We believe that was clearly our intent for continuing services into the month of March 2002.

During March of 2002, Ms. Resident continued to receive direct speech/swallowing therapy emphasizing increased safe swallow skills and texture tolerance.  During the month of March 1902, Ms. Resident’ physical endurance and wellness decreased due to an eye infection.  Therefore, Ms. Resident was placed on “hold” for 1 week.  We met the MEDICARE REPORT 544, Page 5-26.28, Letter D guidelines because we hoped that she would either become more alert, attentive or cooperative, show improved rehab potential, and her medical complication cleared.

When Ms. Resident’s health did improve, direct speech therapy continued.  Having met her speech production goal during the month of February, focus in March was placed on safe swallowing.  At discharge, Ms. Resident was managing mechanical soft diet texture (up from puree), independently alternating textures at discharge, compared with requiring maximum cues at the beginning of treatment.  Oral intake has increased overall after the upgrade in diet and continue when she recovered from her illness.  Ms. Resident stopped losing weight.  She was managing nectar consistency liquids without difficulty and monitoring appropriate bite-size.  Trial periods of thin liquid were attempted, however, Ms. Resident coughed occasionally after drinks of thin liquids with a possible swallow reflex delay evident.  Thermal stimulation and oral motor exercises were attempted with limited success and Ms. Resident was unable to consistently use the chin tuck strategy to increase safety of swallow with thin liquids. 

We believe that her success in direct speech therapy met MEDICARE HANDOUT 543/502, Page 5.54 defining “significant” as substantial increases in the patient’s present level and competence compared to when treatment was initiated. 

We believe that improving Ms.

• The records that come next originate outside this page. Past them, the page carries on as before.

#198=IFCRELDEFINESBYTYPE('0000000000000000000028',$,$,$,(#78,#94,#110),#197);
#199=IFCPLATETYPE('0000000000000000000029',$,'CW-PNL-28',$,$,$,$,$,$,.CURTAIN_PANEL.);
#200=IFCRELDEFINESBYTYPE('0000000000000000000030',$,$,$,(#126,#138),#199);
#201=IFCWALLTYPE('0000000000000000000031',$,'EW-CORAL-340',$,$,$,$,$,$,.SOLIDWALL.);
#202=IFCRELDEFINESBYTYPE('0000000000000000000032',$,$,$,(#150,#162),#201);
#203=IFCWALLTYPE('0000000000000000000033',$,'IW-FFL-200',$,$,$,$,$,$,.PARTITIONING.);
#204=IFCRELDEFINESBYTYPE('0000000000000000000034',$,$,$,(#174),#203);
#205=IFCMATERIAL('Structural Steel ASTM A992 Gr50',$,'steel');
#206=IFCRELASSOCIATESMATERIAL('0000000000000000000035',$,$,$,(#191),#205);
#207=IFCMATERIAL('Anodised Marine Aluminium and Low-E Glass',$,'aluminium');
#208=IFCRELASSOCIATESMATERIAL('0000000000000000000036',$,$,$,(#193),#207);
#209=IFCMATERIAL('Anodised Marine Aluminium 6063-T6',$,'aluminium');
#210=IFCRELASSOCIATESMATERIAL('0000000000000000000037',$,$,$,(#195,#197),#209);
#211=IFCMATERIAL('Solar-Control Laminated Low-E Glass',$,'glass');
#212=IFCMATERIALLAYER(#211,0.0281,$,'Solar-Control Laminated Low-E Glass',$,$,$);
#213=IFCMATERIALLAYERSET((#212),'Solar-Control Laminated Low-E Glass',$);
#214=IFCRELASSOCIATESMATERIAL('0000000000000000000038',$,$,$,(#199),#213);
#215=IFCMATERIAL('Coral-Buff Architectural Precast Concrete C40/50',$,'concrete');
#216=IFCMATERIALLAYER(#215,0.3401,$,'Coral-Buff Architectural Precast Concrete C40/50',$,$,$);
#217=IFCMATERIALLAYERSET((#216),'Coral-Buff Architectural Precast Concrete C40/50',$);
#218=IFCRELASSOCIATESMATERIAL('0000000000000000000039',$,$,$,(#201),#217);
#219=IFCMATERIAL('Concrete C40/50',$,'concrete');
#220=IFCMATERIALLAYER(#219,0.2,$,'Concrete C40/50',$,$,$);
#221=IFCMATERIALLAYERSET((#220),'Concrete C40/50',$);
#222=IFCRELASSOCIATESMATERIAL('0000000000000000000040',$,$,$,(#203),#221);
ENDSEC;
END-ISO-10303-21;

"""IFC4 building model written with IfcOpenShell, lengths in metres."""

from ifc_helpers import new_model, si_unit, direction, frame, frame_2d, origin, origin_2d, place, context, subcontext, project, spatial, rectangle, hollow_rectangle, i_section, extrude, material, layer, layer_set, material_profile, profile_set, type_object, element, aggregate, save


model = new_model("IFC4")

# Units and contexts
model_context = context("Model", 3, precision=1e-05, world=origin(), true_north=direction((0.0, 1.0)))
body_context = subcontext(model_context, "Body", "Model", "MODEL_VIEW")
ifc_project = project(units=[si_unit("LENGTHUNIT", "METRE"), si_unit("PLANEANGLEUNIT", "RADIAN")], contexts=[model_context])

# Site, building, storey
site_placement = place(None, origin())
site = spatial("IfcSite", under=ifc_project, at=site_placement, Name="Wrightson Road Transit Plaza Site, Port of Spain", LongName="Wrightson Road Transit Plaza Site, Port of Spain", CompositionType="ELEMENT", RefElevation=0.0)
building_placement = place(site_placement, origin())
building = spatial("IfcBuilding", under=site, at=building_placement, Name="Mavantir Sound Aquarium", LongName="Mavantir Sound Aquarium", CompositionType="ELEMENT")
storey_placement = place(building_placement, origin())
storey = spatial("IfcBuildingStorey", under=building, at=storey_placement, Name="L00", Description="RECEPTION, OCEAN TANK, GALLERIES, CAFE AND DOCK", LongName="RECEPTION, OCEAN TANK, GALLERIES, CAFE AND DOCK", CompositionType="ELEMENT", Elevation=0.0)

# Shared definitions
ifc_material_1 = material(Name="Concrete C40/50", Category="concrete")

Resident’ speech production skills to independently carry out communicative abilities with daily living and improving safe swallow skills to a higher level of attainment prior to the initiation of service would be considered significant. 

In the same handout, one is warned not to interpret significant too stringently and to not continue simply because of a temporary set back in a patient’s progress.  We believe this section provides justification for continuing to provide speech therapy after having placed Ms. Resident on hold.

We believe that Ms. Resident’ services reasonably expected to gain her as much independence as possible while living at Happy Days Manor.   Medical charted indicates Dr. Feelbetter was in the facility to see Ms. Resident on 2/21/02.  On 3/12/02, charting indicates weight was stable.  On 3/20/02, Dr. Feelbetter was in the facility to see Ms. Resident and physician report indicated, “improved communication, alert, stable, doing better” and on 3/28/02; Ms. Resident was alert and answering questions readily.  On 2/28/02, the Activities director indicated in her charting that Ms. Resident was attending activities consistently and had attended chapel 8 times, memory lane 2 times, had been to 4 special parties, she had received one-on-one visits, participating in group sensory, and been to Chatterbox Café 13 times.  She had indicated Ms. Resident had requested her goals remain the same for the following month.  She was a remarkable 101 year old person.  She and her family’s needs to communicate well and remain independent were clearly a consideration in continuing direct speech therapy.  She was exceptionally alert and aware, her deficits made improving communication skills important.

MEDICARE REPORT 504/3910, Page 5-26.25, #5, Titled “Level of Complexity” requires: The analysis of a speech-language pathologist for therapy to make the activity skilled. 

We believe we’ve clearly demonstrated that to be the case.

Ms. Resident was discharged immediately from direct speech therapy when it was determined that her rehab potential had been met and that her skills were not going to increase significantly.  The services provided were reasonable and necessary to the treatment of Ms. Resident’ deficits so as to improve functions necessary to daily living and to help her family and staff improve the quality of their relationship.